Oh, so I love, love this story. I am talking about the giant gold coin theft in Berlin.
I don't know anything about this. I haven't heard about this. What happened?
Oh, God, this is so good. So this week, four men have gone on trial because in 2017, four miscreants managed to break into the Bode Museum in Berlin and steal the biggest ever legal tender coin, which was solid gold. It was worth 3.75 million euros.
So bring that down the chippy.
The size of a car tire.
I buy you a lot of bacon sandwiches. How do you lift that? You just roll it down the road?
So you roll it. That's why, that's why, that's why, you know. Human ingenuity. Drain covers and things are round so you can roll them, right? You don't have to lift it. Anyway, it's the size of a tire. It weighs 100 kilos and they stole it. And I just love this story. So there's so many elements. They wheeled the coin through the museum on a roller board, smashed through a bulletproof cabinet, and then they used a rope and a wheelbarrow to transport it across the railway tracks through a park to a getaway car. And it stuns everyone. It's actually a Canadian legal tender. But I love this line in the article, which I sent you the link for that I'm sure you'll post. but it says it stunned the German public, not least because of its audacity and old-fashioned simplicity and the fact that no alarms have been triggered. Well, it turns out that no alarms have been triggered because just weeks before, one of their oldest friends from school started to work as a contract security guard.
Oh, fancy that, fancy that. Oh, insider. Pure coincidence.
I love it. They're looking at 10 years, but I mean, I love it because it's pure social engineering. It's old-fashioned sort of heists, the type of stuff that I do, legally, obviously. We replicate. Just how theatrical and wonderful is that? But they got caught.
Yeah, it's amazing to think that they thought they could get away with it.
Well, if it hadn't been for them pesky German authorities. Yeah, yeah. Wheelbarrow. Love it. Oh, yeah. Any crime committed with a wheelbarrow. Yeah, you just got to get it there.
Apparently. That's what I'm thinking is you'd have to check it in to the plane, wouldn't you? You're a pretty good swimmer, Graham, actually. You could probably just, you know, backpack it. It seems that it was made to break the record for the largest ever legal tender. I don't know whether that's largest physically or just in amount because, you know.
It could be both. But what do you do with it? I mean, you can't buy anything with it.
You roll it into a real estate agent, right?
No, no. I mean, it's obviously been melted down and sold on. I mean, you need a fence, Graham. Come on.
Right, right.

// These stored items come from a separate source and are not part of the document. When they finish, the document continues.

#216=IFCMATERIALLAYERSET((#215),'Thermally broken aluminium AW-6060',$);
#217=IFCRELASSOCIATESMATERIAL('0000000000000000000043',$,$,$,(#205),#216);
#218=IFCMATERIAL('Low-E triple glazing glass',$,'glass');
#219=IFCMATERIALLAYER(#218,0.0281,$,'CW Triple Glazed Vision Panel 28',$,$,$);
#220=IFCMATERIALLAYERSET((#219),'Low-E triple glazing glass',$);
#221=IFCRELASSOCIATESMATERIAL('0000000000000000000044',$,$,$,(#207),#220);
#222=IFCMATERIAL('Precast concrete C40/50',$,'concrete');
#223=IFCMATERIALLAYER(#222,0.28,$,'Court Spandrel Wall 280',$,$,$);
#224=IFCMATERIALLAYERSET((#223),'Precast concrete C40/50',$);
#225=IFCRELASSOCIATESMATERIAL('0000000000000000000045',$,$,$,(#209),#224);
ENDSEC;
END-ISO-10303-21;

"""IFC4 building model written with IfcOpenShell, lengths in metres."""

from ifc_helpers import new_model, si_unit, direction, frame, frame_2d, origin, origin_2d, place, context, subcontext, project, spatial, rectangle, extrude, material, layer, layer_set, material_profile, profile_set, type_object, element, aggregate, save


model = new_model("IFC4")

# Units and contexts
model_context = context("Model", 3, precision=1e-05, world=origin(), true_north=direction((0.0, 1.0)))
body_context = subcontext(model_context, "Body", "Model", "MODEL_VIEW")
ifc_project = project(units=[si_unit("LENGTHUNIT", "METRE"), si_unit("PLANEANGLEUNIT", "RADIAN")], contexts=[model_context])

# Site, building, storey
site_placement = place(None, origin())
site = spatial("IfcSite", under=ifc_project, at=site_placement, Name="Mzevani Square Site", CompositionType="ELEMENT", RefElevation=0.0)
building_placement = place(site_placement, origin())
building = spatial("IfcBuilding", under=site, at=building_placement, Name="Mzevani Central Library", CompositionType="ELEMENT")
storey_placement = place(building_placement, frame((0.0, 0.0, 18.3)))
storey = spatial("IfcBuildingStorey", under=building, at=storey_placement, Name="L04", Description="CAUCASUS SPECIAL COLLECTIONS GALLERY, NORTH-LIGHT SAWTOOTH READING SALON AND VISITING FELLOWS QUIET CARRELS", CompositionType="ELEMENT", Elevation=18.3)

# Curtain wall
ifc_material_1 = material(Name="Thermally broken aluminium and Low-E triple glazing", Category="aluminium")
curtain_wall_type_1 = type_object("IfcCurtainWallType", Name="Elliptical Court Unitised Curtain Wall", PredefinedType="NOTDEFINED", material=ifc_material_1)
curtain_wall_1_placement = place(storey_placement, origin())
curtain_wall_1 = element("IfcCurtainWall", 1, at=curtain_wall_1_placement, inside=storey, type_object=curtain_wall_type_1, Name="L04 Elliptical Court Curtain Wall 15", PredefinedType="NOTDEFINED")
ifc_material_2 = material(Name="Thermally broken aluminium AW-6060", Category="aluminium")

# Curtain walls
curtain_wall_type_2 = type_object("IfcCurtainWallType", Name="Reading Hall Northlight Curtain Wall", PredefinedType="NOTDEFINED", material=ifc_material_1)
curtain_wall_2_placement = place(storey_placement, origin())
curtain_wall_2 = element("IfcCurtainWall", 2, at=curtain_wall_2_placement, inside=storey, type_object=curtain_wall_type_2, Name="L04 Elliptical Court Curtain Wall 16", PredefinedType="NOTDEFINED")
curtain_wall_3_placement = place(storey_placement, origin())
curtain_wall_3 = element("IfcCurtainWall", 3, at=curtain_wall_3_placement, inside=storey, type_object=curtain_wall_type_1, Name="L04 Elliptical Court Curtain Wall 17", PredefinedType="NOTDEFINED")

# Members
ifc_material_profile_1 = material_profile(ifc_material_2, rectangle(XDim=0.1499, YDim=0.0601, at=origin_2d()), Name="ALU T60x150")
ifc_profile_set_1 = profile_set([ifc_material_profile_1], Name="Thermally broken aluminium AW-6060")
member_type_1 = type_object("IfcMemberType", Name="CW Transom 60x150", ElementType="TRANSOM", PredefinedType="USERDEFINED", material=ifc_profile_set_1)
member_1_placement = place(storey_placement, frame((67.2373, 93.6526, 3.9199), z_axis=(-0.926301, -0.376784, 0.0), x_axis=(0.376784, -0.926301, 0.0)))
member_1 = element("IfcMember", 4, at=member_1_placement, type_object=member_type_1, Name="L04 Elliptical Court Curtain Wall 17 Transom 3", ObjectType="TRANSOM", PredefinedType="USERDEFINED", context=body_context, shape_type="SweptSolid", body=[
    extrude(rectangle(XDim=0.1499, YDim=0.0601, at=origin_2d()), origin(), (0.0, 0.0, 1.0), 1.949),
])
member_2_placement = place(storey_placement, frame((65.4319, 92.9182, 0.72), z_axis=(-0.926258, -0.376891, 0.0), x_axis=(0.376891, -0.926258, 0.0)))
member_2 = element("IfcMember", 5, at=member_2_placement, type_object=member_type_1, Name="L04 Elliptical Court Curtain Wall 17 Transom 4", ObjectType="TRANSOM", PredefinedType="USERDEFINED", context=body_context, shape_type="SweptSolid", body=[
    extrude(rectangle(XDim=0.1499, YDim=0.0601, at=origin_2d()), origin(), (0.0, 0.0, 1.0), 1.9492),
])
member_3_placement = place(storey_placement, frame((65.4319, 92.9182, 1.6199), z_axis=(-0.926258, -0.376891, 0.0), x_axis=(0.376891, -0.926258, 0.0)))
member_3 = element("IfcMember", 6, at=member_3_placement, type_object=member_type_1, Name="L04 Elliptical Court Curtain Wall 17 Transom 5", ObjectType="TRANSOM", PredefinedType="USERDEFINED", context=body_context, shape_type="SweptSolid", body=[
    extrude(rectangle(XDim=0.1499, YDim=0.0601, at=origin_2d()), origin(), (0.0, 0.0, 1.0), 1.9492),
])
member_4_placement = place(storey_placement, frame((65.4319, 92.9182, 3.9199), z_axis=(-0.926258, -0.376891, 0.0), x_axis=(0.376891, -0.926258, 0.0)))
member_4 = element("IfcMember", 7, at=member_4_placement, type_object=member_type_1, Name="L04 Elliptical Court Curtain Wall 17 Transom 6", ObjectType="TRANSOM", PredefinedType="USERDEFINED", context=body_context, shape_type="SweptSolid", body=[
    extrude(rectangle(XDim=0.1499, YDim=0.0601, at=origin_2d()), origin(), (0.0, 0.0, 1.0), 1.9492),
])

I suppose so. Yeah. If you tried to get in a cab with it, it'd say, I haven't got change for that, wouldn't it?
But it was hidden in the wheelbarrow. Who knew?
What's your story for us this week? So reading recent tech headlines, it certainly seems the internet giants are having a bit of a comeuppance in 2019. And we are lucky enough to have a back row seat. We don't have a full picture of what's going on. But some of the information is making its way downstream, just mere users. And I wanted to speculate with you guys. Do we think the actions we're going to talk about here are going to make any difference? In other words, are Facebook or Google going to mend their ways?
I've got a theory already, but let's hear what's happening to them.
So this week, we saw France's data protection regulator, CNIL, get it? As in C-NIL? I don't know if you're supposed to say C-N-I-L or not. Anyway, C-NIL, we're going to call it that, issued Google with a 50 million euro fine, so that's just shy of 60 million dollars US, for failing to comply with its EU's General Data Protection Laws, also known as GDPR. This is the first GDPR fine that has at least seven zeros.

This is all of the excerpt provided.